American Communications Association v. Douds 339 US 383

American Communications Association v. Douds 339 US 383

Petitioners challenge the constitutionality of Section 9(h) of the National Labor Relations Act or the non-Communist Affidavit provision..  

REASONABLE RELATION TO THE EVIL WHICH THE STATUTE WAS DESIGNED TO REACH

There can be no doubt that Congress may, under its constitutional power to regulate commerce among the several States, attempt to prevent political strikes and other kinds of direct action designed to burden and interrupt the free flow of commerce. We think it is clear, in addition, that the remedy provided by § 9(h) bears reasonable relation to the evil which the statute was designed to reach. Congress could rationally find that the Communist Party is not like other political parties in its utilization of positions of union leadership as means by which to bring about strikes and other obstructions of commerce for purposes of political advantage, and that many persons who believe in overthrow of the Government by force and violence are also likely to resort to such tactics when, as officers, they formulate union policy.

Although the First Amendment provides that Congress shall make no law abridging the freedom of speech, press or assembly, it has long been established that those freedoms themselves are dependent upon the power of constitutional government to survive. If it is to survive it must have power to protect itself against unlawful conduct and, under some circumstances, against incitements to commit unlawful acts. Freedom of speech thus does not comprehend the right to speak on any subject at any time.
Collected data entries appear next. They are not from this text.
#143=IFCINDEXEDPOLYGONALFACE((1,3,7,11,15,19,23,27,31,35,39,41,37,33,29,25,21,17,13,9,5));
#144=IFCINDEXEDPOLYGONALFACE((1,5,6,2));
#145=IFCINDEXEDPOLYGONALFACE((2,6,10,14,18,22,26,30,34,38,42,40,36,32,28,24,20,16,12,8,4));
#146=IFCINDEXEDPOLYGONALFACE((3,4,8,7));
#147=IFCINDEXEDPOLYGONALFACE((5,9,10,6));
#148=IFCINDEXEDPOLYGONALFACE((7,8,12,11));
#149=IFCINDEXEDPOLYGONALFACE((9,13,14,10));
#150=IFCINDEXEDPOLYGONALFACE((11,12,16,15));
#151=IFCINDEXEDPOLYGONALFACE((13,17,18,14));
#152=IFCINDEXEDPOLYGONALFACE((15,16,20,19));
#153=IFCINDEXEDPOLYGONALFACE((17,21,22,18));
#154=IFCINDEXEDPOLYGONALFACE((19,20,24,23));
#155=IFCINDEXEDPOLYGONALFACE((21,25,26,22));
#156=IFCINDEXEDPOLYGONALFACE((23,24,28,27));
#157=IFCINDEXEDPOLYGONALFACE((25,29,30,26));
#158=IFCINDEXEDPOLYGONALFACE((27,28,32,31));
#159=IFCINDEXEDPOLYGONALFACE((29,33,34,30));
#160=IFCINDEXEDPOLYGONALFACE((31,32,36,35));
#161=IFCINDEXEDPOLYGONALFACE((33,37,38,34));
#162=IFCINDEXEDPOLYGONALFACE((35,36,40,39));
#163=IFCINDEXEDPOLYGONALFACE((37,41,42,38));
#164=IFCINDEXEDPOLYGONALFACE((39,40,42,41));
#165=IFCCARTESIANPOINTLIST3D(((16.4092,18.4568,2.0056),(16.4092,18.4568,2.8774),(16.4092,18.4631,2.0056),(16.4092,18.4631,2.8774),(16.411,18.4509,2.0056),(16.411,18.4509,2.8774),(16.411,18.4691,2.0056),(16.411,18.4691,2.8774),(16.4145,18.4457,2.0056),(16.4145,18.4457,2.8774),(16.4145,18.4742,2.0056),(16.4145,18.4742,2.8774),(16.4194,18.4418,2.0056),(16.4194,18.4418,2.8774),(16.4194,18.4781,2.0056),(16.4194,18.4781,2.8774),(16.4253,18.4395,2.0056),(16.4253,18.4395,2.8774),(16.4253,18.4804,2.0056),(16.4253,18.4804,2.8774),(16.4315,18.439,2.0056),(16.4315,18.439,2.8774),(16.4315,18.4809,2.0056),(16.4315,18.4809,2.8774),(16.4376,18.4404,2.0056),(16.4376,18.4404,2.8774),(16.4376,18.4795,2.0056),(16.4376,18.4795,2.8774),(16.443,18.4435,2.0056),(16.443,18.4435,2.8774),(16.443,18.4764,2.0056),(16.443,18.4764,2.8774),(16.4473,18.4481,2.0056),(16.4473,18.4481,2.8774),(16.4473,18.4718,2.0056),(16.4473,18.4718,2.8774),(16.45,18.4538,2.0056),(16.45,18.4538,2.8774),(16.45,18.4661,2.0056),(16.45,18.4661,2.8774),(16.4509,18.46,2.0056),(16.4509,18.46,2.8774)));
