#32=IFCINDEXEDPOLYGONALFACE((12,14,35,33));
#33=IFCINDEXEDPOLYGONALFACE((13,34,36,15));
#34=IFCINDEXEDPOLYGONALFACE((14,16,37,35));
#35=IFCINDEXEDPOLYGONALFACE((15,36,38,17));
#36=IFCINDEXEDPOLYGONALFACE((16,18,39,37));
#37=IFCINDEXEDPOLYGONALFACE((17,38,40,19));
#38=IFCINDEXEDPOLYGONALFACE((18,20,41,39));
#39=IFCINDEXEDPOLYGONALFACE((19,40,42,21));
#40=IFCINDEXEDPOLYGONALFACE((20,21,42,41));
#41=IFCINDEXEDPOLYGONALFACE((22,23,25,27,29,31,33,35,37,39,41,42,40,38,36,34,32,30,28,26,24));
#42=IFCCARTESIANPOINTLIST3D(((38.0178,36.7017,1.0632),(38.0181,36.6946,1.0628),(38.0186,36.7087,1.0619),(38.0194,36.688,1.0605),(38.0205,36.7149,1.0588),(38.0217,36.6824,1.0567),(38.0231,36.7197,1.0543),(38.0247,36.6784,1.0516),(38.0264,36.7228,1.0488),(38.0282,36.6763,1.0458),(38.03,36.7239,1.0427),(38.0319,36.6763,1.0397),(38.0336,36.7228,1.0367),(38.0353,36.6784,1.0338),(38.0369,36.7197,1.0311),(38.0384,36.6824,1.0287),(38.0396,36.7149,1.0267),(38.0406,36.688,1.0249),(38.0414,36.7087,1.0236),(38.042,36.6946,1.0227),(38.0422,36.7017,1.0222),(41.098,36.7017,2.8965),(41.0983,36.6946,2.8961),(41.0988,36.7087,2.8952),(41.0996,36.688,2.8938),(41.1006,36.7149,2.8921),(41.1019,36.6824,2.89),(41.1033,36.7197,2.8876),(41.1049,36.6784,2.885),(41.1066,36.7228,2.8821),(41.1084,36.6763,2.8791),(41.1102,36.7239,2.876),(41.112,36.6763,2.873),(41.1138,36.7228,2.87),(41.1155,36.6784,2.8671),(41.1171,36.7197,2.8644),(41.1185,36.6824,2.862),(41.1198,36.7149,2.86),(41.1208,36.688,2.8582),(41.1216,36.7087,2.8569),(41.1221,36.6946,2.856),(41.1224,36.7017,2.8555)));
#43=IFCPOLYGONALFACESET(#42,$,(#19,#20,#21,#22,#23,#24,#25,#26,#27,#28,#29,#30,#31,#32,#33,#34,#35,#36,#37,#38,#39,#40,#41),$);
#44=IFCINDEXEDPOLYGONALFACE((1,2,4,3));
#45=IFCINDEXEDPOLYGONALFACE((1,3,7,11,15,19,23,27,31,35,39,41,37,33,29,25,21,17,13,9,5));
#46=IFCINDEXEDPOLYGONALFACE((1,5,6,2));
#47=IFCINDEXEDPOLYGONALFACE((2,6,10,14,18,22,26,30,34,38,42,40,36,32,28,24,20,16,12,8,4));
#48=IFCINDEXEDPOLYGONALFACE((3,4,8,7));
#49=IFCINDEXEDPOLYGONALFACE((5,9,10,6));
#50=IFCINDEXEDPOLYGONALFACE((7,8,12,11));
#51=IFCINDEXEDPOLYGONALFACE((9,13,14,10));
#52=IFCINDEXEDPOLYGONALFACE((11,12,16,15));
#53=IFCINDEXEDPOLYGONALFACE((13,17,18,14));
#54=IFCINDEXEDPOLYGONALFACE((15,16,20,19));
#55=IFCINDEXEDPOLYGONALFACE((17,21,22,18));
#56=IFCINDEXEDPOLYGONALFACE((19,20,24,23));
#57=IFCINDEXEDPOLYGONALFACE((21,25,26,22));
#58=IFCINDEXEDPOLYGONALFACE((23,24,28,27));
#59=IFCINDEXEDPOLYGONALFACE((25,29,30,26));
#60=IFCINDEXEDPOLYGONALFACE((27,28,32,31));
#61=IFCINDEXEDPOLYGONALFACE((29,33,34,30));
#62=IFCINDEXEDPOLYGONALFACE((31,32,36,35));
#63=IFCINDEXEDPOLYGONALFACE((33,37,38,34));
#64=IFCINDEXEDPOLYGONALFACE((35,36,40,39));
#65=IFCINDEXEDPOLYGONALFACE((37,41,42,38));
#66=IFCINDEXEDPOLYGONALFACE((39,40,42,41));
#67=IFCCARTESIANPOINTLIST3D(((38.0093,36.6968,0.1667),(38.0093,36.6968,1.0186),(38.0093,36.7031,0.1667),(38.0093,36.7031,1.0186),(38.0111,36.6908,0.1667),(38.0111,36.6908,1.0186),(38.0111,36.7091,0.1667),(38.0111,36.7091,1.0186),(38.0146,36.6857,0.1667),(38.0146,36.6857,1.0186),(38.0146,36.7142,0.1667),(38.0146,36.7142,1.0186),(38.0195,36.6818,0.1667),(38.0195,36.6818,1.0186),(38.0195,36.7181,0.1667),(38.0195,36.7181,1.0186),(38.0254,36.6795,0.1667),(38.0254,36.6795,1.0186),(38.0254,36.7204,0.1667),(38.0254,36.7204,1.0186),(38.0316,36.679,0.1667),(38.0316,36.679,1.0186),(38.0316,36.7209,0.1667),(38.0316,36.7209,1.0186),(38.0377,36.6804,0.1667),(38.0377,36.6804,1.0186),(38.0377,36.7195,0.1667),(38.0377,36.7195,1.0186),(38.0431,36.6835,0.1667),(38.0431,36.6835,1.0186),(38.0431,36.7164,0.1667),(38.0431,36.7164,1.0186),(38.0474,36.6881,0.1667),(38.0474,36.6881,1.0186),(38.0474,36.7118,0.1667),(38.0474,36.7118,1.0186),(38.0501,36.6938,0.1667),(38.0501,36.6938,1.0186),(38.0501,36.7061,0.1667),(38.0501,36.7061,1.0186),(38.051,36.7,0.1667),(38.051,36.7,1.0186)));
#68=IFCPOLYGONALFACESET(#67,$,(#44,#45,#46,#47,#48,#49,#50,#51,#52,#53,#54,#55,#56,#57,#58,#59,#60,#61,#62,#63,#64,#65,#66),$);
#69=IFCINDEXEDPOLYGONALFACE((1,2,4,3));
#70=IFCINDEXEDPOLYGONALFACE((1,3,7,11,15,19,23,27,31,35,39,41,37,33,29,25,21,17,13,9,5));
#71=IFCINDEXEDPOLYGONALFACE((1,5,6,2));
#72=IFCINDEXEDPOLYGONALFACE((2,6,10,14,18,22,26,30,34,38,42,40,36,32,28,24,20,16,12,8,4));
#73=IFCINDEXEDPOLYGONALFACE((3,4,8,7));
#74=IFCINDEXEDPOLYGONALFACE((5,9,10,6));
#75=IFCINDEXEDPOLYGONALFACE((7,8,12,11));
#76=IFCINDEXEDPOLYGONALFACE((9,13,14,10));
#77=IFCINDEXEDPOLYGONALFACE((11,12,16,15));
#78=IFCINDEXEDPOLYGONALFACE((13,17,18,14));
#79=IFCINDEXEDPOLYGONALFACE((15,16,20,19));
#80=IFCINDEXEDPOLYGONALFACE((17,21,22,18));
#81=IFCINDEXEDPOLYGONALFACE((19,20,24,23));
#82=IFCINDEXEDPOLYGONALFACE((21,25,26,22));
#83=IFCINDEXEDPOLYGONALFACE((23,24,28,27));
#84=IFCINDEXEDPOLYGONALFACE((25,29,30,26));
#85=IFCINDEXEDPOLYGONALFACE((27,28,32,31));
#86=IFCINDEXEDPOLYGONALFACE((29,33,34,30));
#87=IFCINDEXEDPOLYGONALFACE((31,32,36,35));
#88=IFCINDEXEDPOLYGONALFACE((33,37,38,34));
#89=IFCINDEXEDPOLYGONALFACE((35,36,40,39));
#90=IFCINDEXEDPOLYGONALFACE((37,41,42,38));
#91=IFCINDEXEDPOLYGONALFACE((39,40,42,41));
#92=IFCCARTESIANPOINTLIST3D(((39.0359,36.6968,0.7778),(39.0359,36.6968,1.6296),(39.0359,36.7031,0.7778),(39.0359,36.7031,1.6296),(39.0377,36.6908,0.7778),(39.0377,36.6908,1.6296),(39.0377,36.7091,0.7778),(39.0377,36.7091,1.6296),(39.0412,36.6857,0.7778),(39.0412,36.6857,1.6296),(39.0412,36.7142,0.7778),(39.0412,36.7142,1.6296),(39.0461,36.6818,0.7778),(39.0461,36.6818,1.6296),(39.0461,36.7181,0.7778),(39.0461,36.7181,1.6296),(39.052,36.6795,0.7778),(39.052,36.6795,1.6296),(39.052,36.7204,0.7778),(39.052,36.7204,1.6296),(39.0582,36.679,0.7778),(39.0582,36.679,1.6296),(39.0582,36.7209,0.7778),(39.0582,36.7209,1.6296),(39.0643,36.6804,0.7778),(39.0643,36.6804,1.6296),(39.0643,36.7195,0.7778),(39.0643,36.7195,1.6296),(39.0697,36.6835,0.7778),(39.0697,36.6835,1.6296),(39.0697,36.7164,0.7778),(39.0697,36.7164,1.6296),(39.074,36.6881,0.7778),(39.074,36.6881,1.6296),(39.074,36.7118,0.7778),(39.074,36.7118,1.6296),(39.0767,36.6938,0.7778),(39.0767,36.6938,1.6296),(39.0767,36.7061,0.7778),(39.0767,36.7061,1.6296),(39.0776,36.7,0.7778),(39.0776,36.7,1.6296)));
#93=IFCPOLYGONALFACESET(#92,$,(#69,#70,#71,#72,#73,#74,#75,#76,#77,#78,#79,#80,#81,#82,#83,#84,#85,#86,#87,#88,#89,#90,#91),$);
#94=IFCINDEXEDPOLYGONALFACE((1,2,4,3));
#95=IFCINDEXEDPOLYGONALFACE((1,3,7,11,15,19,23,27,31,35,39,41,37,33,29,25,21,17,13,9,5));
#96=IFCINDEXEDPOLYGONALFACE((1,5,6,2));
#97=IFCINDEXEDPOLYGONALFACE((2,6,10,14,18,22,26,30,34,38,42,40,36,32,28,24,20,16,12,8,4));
Government's interest here is not in preventing the dissemination of Communist doctrine or the holding of particular beliefs because it is feared that unlawful action will result therefrom if free speech is practiced. Its interest is in protecting the free flow of commerce from what Congress considers to be substantial evils of conduct that are not the products of speech at all. Section 9(h), in other words, does not interfere with speech because Congress fears the consequences of speech; it regulates harmful conduct which Congress has determined is carried on by persons who may be identified by their political affiliations and beliefs. The Board does not contend that political strikes, the substantive evil at which § 9(h) is aimed, are the present or impending products of advocacy of the doctrines of Communism or the expression of belief in overthrow of the Government by force. On the contrary, it points out that such strikes are called by persons who, so Congress has found, have the will and power to do so without advocacy or persuasion that seeks acceptance in the competition of the market. Speech may be fought with speech. Falsehoods and fallacies must be exposed, not suppressed, unless there is not sufficient time to avert the evil consequences of noxious doctrine by argument and education. That is the command of the First Amendment. But force may and must be met with force. Section 9(h) is designed to protect the public not against what Communists and others identified therein advocate or believe, but against what Congress has concluded they have done and are likely to do again.

So far as the Schenck case itself is concerned, imminent danger of any substantive evil that Congress may prevent justifies the restriction of speech. Since that time, this Court has decided that, however great the likelihood that a substantive evil will result, restrictions on speech and press cannot be sustained unless the evil itself is "substantial" and "relatively serious," Brandeis, J., concurring in Whitney v. California, or sometimes "extremely serious," Bridges v. California. And it follows therefrom that even harmful conduct cannot justify restrictions upon speech unless substantial interests of society are at stake. But, in suggesting that the substantive evil must be serious and substantial, it was never the intention of this Court to lay down an absolutist test measured in terms of danger to the Nation. When the effect of a statute or ordinance upon the exercise of First Amendment freedoms is relatively small and the public interest to be protected is substantial, it is obvious that a rigid test requiring a showing of imminent danger to the security of the Nation is an absurdity.

In essence, the problem is one of weighing the probable effects of the statute upon the free exercise of the right of speech and assembly against the congressional determination that political strikes are evils of conduct which cause substantial harm to interstate commerce and that Communists and others identified by § 9(h) pose continuing threats to that public interest when in positions of union leadership.

What of the effects of § 9(h) upon the rights of speech and assembly of those proscribed by its terms? The statute does not prevent or punish by criminal sanctions the making of a speech, the affiliation with any organization, or the holding of any belief. But, as we have noted, the fact that no direct restraint or punishment is imposed upon speech or assembly does not determine the free speech question. Under some circumstances, indirect "discouragements" undoubtedly have the same coercive effect upon the exercise of First Amendment rights as imprisonment, fines, injunctions or taxes. A requirement that adherents of particular religious faiths or political parties wear identifying arm-bands, for example, is obviously of this nature.

But we have here no statute which is either frankly aimed at the suppression of dangerous ideas, nor one which, although ostensibly aimed at the regulation of conduct, may actually "be made the instrument of arbitrary suppression of free expression of views."

In this legislation, Congress did not restrain the activities of the Communist Party as a political organization; nor did it attempt to stifle beliefs. Section 9(h) touches only a relative handful of persons, leaving the great majority of persons of the identified affiliations and beliefs completely free from restraint. And it leaves those few who are affected free to maintain their affiliations and beliefs subject only to possible loss of positions which Congress has concluded are being abused to the injury of the public by members of the described groups.